I kind of have to agree with that thinking, although I personally believe its so remote that we should be allowed to stock hybrids.

Maybe some day...


----------



## Meadowlark (Jul 19, 2008)

creeker said:


> ...
> Meadowlark - your logs are amazing.....
> 
> Thanks for the compliments on the fish - my son had to take some advil because his face hurt from smiling so much with the thought that he had caught one of the biggest hybrids on the lake.


No, that was the largest hybrid ever caught by a junior angler on Livingston.

Please consider filing for the junior water body record for him. My grandson has the striper record and I can tell you that it is a source of great pride for him and has been since 2011. Your son will forever have that memory officially recorded...priceless.

I don't know if Ron will accept your application without a weight or a picture with the length showing. They need both to certify...but at a minimum your son will receive a big fish award and possibly fish of the month.

Please consider applying...trust me your son will be forever grateful.


----------



## Jimmy Blue (Nov 20, 2013)

Congrats on a super nice catch!


----------



## big D. (Apr 10, 2010)

That would be really cool for your son!!!

I've got my sites on a lake record this year for my son! There is one in particular that I think he can sneak away with this winter. I caught 2 in the same day that would have easily taken it. He couldnt go with me that day or he would have had it. My friend on another boat and I caught several that day pushing the youth record! I like to look up the records for each lake we plan to fish just incase...


----------



## Meadowlark (Jul 19, 2008)

big D. said:


> That would be really cool for your son!!!
> 
> I've got my sites on a lake record this year for my son! There is one in particular that I think he can sneak away with this winter. I caught 2 in the same day that would have easily taken it. He couldnt go with me that day or he would have had it. My friend on another boat and I caught several that day pushing the youth record! I like to look up the records for each lake we plan to fish just incase...


 You are a good man big D. The kids are our future and everything we can do to help them is a great thing. Filing for a record is easy...and it means so much to the young. Got get 'em!!


----------



## bueyescowboy (Apr 10, 2005)

I ve only caught one hybird on LL but it was a wonderful experience. I should have recorded it....it might be on my post somewhere. A memory one won't forget...


----------



## Lake Livingston Adventures (Mar 15, 2013)

That's a fine hybrid you have there. I consider them to be in an "exceptional class" when they start to get that big hump right behind their head like the one in the picture. Great Fish!


----------



## CmackR56 (May 30, 2009)

In March 2010 I was running South down the river channel and just as I went under the 190 bridge I saw fish schooling on top on the East side of the river channel.

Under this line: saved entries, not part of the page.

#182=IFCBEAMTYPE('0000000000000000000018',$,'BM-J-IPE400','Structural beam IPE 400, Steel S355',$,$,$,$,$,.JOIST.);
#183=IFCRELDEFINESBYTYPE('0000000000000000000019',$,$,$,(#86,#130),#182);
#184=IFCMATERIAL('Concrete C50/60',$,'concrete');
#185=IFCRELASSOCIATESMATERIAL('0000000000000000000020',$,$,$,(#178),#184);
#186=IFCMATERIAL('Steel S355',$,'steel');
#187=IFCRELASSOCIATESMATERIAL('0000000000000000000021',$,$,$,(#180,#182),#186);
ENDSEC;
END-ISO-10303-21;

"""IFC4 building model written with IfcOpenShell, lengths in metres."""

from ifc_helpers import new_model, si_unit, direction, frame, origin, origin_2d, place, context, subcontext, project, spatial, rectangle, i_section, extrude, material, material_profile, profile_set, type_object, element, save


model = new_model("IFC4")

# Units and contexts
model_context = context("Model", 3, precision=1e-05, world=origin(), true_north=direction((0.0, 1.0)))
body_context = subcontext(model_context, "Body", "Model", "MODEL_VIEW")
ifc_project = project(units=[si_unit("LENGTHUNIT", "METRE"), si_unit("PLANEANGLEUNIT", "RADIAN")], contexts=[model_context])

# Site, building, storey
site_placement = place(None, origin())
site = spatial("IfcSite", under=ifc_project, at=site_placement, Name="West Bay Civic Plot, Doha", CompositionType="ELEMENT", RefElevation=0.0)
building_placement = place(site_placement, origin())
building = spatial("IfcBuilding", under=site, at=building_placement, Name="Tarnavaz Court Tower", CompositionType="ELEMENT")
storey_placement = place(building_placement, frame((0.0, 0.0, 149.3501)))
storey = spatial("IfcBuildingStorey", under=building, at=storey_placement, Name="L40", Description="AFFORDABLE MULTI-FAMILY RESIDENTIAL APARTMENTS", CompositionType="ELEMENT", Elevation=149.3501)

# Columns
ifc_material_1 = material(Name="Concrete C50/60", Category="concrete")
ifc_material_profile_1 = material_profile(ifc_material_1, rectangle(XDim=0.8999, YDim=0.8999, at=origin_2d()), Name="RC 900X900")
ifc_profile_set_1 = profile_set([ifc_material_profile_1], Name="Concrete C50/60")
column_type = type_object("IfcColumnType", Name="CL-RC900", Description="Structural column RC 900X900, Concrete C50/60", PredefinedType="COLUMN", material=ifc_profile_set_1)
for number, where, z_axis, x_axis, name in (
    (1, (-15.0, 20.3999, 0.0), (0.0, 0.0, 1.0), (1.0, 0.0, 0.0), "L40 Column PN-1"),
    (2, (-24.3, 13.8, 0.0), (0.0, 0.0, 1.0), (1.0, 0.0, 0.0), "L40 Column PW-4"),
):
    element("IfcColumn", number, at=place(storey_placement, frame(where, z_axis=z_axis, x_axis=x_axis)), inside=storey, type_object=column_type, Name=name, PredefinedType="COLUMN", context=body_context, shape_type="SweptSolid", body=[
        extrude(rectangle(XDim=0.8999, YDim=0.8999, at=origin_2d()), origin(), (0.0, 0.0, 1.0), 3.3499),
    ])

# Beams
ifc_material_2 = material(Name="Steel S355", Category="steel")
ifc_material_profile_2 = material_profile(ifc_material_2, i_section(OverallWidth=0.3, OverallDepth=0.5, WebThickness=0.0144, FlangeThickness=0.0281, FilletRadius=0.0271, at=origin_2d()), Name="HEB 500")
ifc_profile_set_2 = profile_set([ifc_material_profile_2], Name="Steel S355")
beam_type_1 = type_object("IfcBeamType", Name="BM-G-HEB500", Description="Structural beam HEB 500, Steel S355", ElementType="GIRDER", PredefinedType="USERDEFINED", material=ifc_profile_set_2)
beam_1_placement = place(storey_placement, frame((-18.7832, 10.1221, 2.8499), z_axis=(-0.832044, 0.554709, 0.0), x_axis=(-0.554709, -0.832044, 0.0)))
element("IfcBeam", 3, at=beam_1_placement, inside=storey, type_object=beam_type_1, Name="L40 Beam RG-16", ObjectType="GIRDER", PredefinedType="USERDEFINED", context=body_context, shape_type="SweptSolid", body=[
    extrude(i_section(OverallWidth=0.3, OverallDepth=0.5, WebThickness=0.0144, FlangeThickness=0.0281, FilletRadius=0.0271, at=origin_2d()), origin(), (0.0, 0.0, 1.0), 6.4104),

I stopped, dropped my trolling motor and fired a 3/4 oz Rattletrap into the melee, make about 2 cranks of the reel handle and dang near got my rod yanked out of my hand. That sucker peeled drag! In about 10 minutes I caught 6 about the size above 25"-28". First and only ones I've caught on Livingston. Nothing in freshwater can compare to the fight on a pound for pound basis. I used to catch them on Sam Rayburn late in the afternoons on topwaters in March, fishing along the East end of the dam riprap. Caught a couple that went 12-13 pounds. Wish Livingston was loaded with them.


----------



## SHURSHOT270 (Dec 28, 2007)

Nice fish, I was the other boat out there near yall, Congrats!


----------



## creeker (Feb 14, 2005)

Shurshot - I was wondering if you were a 2Cooler. You looked to be having a nice relaxing afternoon on the water! The boy was pretty pumped after pulling her in!


----------